巨大なそいつは、その赤い体の横から紫色の棘を生やし危険なオーラをプンプン匂わせている。さらに人を丸呑みできそうな程大きな口には、無数の小さな牙がある。


 こんな巨大な虫が現実に存在しているものなのか。写真で見た日本の虫は、もっと小さくて指に乗る程度だったのに。

まあ、1つ言えることは……とても気持ち悪い。

この体に生まれ変わってから、とりあえず何にでも手を伸ばしてきたが、ここまで興味も沸かず、触りたいとも思わなかった物は初めてだ。こんな大きな体をしているくせに、尺取り虫のようにせわしなく体を動かして移動しているということが、たまらなく気持ち悪い。

こんなに大きいのだから、もう少し移動方法を考えてほしい。


「あいつはバーナワーム。生息数こそ少ないが、森にすんでいる癖に敵と相対すると、あのデカい口から火を吐く厄介な魔物だ。あいつらのせいで森の火事が絶えないから……ってお前には難しいよな。うーん、説明下手だな俺」


 ひ、火を吐くの? それに魔物って……


「まものってなに?」


「んー……何て説明したらいいかな。まあ簡単に言えば、悪いやつらだ」


 それは一目見ればわかる。この毒々しい巨体を見て、誰も無害とは思わないだろう。魔物……聞いたことがないな。


 しかし、木がたくさんあるところに住んでいるくせに火を吐くとは……なんて迷惑な生き物だろうか。
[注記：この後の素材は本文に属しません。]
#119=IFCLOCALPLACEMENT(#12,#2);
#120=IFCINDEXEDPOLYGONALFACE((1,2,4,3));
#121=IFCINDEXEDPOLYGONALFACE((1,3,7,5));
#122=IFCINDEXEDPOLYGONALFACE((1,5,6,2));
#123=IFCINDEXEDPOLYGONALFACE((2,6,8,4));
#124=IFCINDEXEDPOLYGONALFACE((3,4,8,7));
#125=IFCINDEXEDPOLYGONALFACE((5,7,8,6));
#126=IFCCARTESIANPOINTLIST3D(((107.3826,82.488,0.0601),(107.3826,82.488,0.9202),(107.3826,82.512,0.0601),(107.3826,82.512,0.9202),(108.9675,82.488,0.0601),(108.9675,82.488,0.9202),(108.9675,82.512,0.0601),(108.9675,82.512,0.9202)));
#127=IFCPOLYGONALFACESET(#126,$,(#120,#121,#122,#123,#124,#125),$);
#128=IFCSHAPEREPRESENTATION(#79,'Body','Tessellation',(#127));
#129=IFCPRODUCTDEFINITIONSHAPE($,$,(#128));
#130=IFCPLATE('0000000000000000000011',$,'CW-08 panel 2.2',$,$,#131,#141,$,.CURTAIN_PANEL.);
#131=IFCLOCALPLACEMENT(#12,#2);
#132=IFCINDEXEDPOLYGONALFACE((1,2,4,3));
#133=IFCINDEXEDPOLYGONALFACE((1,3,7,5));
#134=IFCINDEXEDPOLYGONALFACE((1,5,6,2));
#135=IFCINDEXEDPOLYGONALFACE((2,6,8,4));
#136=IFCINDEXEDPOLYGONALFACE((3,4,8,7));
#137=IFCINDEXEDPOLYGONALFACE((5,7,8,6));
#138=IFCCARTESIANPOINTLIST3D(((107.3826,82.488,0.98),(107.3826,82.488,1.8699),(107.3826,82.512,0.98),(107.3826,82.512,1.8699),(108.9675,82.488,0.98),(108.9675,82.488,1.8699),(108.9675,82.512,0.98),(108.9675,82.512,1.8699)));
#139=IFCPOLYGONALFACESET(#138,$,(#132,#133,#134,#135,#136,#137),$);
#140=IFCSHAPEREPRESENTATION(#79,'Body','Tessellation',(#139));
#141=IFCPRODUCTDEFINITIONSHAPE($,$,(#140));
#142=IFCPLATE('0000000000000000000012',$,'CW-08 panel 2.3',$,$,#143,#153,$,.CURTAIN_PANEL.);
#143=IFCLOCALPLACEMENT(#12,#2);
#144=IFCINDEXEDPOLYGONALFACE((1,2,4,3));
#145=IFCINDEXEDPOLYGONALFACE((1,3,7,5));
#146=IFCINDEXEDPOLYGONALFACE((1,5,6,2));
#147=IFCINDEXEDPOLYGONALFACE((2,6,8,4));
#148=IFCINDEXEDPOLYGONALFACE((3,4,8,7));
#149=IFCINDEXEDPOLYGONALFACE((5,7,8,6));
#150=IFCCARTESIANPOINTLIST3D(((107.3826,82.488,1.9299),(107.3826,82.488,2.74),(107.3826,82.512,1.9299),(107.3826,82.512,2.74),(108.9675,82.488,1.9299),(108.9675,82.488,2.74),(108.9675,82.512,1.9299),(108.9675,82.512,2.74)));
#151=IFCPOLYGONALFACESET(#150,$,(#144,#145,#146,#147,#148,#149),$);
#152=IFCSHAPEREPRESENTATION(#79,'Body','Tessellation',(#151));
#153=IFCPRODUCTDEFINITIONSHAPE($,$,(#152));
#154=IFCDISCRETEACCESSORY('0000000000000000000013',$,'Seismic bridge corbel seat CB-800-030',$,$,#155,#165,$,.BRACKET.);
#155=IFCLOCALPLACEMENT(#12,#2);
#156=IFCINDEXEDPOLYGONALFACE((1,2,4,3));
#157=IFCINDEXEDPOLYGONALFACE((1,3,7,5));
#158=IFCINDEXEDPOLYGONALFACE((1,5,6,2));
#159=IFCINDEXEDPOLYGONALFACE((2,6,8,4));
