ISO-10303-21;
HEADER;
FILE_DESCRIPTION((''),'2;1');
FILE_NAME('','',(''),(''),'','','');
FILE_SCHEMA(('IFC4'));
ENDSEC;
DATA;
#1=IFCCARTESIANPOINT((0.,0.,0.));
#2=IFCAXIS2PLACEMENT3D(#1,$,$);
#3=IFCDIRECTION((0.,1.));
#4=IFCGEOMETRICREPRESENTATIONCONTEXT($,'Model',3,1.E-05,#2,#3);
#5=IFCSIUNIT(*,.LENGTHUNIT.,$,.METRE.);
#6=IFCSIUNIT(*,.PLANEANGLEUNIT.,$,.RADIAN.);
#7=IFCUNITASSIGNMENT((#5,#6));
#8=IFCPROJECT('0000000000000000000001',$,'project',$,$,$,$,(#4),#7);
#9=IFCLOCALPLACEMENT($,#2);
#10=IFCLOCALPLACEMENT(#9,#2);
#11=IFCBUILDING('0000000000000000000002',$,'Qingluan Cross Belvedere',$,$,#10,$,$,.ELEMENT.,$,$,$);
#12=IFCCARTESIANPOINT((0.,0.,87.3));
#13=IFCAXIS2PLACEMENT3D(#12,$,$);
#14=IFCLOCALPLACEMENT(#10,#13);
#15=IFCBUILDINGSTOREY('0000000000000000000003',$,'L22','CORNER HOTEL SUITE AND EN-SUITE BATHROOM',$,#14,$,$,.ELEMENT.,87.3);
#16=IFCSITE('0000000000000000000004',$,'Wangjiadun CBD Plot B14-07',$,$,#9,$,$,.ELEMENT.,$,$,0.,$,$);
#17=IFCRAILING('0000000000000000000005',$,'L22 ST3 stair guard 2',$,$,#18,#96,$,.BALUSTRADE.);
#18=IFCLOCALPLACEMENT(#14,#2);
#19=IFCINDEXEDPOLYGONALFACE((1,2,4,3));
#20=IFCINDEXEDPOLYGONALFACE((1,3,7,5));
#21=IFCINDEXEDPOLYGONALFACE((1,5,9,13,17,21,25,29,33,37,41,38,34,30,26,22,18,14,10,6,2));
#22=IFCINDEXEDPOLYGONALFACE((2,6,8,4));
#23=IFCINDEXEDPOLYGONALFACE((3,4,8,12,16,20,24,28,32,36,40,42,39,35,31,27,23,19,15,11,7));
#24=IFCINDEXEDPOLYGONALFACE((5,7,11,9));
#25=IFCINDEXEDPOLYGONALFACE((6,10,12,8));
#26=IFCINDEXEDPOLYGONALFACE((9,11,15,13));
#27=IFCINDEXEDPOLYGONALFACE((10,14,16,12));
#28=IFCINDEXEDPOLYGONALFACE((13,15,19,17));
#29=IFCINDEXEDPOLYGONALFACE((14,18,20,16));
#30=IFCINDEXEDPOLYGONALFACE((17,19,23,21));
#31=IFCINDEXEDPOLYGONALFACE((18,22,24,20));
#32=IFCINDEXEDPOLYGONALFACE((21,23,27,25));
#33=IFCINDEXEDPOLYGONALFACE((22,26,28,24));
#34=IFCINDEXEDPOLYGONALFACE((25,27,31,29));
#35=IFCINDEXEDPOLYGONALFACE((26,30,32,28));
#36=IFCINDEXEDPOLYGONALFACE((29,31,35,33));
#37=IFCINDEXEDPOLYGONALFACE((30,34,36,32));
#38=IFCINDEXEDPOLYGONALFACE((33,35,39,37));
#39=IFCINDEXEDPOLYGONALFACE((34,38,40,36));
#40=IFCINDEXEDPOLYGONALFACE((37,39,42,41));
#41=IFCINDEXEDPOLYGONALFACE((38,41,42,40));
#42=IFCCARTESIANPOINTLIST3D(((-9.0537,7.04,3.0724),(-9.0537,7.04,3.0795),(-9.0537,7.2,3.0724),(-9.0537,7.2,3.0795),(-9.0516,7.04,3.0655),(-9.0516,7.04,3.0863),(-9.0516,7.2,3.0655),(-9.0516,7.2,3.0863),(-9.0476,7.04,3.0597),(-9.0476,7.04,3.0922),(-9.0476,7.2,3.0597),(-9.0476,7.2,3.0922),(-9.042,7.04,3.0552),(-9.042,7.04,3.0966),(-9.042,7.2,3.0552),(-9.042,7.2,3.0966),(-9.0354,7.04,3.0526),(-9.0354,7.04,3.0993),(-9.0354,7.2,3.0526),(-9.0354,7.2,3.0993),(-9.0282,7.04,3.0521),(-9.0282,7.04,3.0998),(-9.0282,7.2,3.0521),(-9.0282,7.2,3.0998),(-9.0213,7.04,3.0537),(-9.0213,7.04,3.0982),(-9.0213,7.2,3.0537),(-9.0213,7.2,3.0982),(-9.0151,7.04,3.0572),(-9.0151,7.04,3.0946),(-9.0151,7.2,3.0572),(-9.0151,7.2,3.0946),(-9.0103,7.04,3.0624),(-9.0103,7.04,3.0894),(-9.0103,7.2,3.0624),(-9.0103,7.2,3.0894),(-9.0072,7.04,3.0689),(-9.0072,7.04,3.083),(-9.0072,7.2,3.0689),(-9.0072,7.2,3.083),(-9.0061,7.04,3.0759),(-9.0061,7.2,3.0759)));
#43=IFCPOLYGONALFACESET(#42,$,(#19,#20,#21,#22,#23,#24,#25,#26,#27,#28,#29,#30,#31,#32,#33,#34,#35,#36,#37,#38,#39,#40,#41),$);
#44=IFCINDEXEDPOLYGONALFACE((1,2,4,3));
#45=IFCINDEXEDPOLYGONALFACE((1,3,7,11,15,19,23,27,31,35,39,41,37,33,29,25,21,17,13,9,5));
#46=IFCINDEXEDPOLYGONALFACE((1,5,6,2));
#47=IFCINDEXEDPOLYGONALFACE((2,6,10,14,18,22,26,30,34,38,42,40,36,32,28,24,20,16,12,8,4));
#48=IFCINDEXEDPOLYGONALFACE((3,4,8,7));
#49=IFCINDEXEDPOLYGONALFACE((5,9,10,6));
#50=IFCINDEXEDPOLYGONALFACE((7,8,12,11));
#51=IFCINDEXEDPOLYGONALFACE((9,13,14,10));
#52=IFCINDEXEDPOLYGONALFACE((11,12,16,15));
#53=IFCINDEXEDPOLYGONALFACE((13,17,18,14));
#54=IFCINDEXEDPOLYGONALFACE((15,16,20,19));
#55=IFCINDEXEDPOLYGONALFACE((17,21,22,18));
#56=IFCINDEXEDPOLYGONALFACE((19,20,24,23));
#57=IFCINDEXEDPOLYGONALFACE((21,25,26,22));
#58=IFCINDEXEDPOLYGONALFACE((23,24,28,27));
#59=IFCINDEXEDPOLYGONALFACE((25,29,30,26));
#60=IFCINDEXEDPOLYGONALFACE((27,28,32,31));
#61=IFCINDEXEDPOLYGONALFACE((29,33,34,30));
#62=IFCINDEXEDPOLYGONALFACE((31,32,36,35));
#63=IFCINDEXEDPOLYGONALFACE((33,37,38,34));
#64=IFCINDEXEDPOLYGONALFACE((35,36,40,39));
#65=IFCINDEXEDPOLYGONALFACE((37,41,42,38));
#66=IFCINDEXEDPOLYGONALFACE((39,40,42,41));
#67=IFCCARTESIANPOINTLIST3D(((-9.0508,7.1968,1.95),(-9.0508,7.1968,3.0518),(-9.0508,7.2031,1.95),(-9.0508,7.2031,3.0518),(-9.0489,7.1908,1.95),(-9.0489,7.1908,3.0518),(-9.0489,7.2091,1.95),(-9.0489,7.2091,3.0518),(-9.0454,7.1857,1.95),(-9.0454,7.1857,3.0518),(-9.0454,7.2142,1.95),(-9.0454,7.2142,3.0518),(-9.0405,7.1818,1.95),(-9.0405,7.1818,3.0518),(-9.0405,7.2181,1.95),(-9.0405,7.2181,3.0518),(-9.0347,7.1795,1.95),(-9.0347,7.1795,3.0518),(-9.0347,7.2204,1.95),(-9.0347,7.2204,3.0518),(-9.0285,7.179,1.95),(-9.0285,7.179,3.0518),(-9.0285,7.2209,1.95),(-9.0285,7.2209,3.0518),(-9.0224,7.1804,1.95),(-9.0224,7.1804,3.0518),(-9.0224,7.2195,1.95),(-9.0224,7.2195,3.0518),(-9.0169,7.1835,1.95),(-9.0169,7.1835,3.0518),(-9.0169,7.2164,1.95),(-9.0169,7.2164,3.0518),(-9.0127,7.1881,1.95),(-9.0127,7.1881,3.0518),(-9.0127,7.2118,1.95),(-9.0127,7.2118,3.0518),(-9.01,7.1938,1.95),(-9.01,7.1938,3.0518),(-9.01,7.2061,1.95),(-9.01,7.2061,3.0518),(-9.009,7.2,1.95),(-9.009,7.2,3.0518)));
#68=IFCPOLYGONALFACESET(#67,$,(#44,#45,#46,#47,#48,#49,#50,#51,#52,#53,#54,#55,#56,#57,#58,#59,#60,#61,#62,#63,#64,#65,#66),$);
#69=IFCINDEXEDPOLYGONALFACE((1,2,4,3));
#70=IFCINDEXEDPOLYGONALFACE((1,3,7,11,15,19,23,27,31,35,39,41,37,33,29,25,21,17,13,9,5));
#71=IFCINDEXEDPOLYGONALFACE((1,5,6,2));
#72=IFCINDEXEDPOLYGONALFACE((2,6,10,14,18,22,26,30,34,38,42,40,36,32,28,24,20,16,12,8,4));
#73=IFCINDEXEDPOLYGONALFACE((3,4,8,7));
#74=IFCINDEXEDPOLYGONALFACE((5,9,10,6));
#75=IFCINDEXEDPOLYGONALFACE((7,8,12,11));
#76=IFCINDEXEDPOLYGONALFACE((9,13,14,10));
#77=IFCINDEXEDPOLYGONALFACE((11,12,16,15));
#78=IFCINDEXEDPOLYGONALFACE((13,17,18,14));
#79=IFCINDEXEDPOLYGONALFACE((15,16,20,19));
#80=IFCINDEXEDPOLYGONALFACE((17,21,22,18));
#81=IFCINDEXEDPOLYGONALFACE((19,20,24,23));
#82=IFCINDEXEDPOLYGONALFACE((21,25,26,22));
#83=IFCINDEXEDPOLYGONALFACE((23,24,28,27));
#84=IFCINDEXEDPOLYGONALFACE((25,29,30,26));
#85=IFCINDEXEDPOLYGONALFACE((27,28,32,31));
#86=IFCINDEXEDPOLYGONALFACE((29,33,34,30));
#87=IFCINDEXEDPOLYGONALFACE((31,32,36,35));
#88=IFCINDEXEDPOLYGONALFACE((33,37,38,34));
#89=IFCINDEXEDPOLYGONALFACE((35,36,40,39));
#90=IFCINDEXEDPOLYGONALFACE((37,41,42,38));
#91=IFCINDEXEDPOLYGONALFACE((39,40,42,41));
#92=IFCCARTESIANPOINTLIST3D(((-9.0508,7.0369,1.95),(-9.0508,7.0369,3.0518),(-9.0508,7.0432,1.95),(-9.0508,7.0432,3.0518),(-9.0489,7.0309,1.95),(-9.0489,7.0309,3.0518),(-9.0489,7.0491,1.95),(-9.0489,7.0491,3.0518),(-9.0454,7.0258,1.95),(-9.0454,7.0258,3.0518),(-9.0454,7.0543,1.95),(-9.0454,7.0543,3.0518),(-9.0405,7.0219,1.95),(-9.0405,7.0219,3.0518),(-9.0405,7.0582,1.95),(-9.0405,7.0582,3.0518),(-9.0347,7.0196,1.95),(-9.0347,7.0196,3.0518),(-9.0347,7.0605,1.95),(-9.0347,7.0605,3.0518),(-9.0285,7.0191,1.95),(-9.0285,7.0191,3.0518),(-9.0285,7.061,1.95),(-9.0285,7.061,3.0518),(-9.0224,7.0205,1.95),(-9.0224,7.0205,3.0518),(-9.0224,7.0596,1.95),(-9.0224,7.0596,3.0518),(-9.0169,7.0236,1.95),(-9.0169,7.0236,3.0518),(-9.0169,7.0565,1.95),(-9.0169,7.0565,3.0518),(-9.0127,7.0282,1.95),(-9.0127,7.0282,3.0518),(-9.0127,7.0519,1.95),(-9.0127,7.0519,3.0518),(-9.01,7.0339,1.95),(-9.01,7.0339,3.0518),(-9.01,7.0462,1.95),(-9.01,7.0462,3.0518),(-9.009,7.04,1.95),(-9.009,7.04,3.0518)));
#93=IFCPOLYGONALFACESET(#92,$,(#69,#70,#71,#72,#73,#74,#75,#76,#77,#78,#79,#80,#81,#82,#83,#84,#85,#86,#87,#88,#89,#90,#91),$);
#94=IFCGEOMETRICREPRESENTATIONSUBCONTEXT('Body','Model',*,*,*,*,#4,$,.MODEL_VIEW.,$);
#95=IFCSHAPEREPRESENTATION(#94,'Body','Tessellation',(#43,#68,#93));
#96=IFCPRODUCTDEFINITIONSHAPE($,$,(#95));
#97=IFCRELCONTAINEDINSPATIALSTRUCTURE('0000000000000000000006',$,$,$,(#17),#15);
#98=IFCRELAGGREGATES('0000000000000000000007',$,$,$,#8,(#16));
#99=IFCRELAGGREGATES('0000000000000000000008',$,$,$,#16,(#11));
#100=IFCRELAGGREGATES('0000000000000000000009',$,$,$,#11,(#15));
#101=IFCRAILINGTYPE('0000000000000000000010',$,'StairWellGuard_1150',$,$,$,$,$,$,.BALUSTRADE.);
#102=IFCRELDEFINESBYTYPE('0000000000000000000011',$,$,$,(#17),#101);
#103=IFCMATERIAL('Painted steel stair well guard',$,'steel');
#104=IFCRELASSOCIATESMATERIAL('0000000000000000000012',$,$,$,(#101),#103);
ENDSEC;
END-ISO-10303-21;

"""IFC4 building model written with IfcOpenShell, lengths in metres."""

from ifc_helpers import new_model, si_unit, direction, frame, origin, origin_2d, place, context, subcontext, project, spatial, circle, extrude, material, type_object, element, save


model = new_model("IFC4")

# Units and contexts
model_context = context("Model", 3, precision=1e-05, world=origin(), true_north=direction((0.0, 1.0)))
body_context = subcontext(model_context, "Body", "Model", "MODEL_VIEW")
ifc_project = project(units=[si_unit("LENGTHUNIT", "METRE"), si_unit("PLANEANGLEUNIT", "RADIAN")], contexts=[model_context])

# Site, building, storey
site_placement = place(None, origin())
site = spatial("IfcSite", under=ifc_project, at=site_placement, Name="Wangjiadun CBD Plot B14-07", CompositionType="ELEMENT", RefElevation=0.0)
building_placement = place(site_placement, origin())
building = spatial("IfcBuilding", under=site, at=building_placement, Name="Qingluan Cross Belvedere", CompositionType="ELEMENT")
storey_placement = place(building_placement, frame((0.0, 0.0, 87.3)))
storey = spatial("IfcBuildingStorey", under=building, at=storey_placement, Name="L22", Description="CORNER HOTEL SUITE AND EN-SUITE BATHROOM", CompositionType="ELEMENT", Elevation=87.3)

# Railing
ifc_material_1 = material(Name="Painted steel stair well guard", Category="steel")
railing_type_1 = type_object("IfcRailingType", Name="StairWellGuard_1150", PredefinedType="BALUSTRADE", material=ifc_material_1)
railing_1_placement = place(storey_placement, frame((-9.03, 7.2, 1.95)))
element("IfcRailing", 1, at=railing_1_placement, inside=storey, type_object=railing_type_1, Name="L22 ST3 stair guard 2", PredefinedType="BALUSTRADE", context=body_context, shape_type="SweptSolid", body=[
    extrude(circle(Radius=0.0239, at=origin_2d()), frame((0.0, 0.0, 1.126), z_axis=(0.0, -1.0, 0.0), x_axis=(1.0, 0.0, 0.0)), (0.0, 0.0, 1.0), 0.1599),
    extrude(circle(Radius=0.021, at=origin_2d()), origin(), (0.0, 0.0, 1.0), 1.1018),
    extrude(circle(Radius=0.021, at=origin_2d()), frame((0.0, -0.1599, 0.0)), (0.0, 0.0, 1.0), 1.1018),
])

save(model, "model.ifc")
「とにかく、絶対に出てくるんじゃないぞ。あいつは人でもお構いなしにこんがり焼いて養分にしちまうからな」


 父さんはさりげなく恐ろしい事を言うと、右手に持っていた剣を構え、腰を深く落とした。僕も迷惑をかけないよう荷台の下で小さく縮こまる。


 その魔物と対峙する父、オルガはいつものおちゃらけた姿ではなく、僕でも体が震えるほど凄まじい殺気を放っていた。そして、グッと剣を握る力を強めたと思えば、次の瞬間、すでに父さんは数メートル先の化け物の目の前まで迫っていた。

……まったく見えなかった。瞬きをせずじっと見つめていた筈なのに。


「秘技――――三枚下ろし斬りっ!」


 微妙なネーミングセンスと共に父さんが繰り出した斬撃は、一瞬のうちに化け物を切り裂いた。

そして、バーナ・ワームと呼ばれたそれは、緑色の……血なのか、何なのかよくわからない液体を噴き出しながら3枚のスライスと化した。


「……ふぅ。エール、もう出てきていいぞ」


 そういって微笑む父さんだが、その後ろには緑色の血だまりと、気味の悪い白色をした肉のスライスが三枚あった。

唖然としていた僕だったが、周りの光景を見て、状況を理解するのに時間はかからなかった。父さんが化け物を倒したのだ。何となく剣を扱えるんだろうな、とは思っていたがここまでとは思わなかった。


「……うぷっ」


 魔物を切り捨てた父さんに素直に感心していたのだが、直後、初めて目にした凄惨な光景を前に、グロテスクな物に対する耐性のまったくなかった僕は吐いてしまった。慣れない事をしすぎたのか……すごい目眩が僕を襲う。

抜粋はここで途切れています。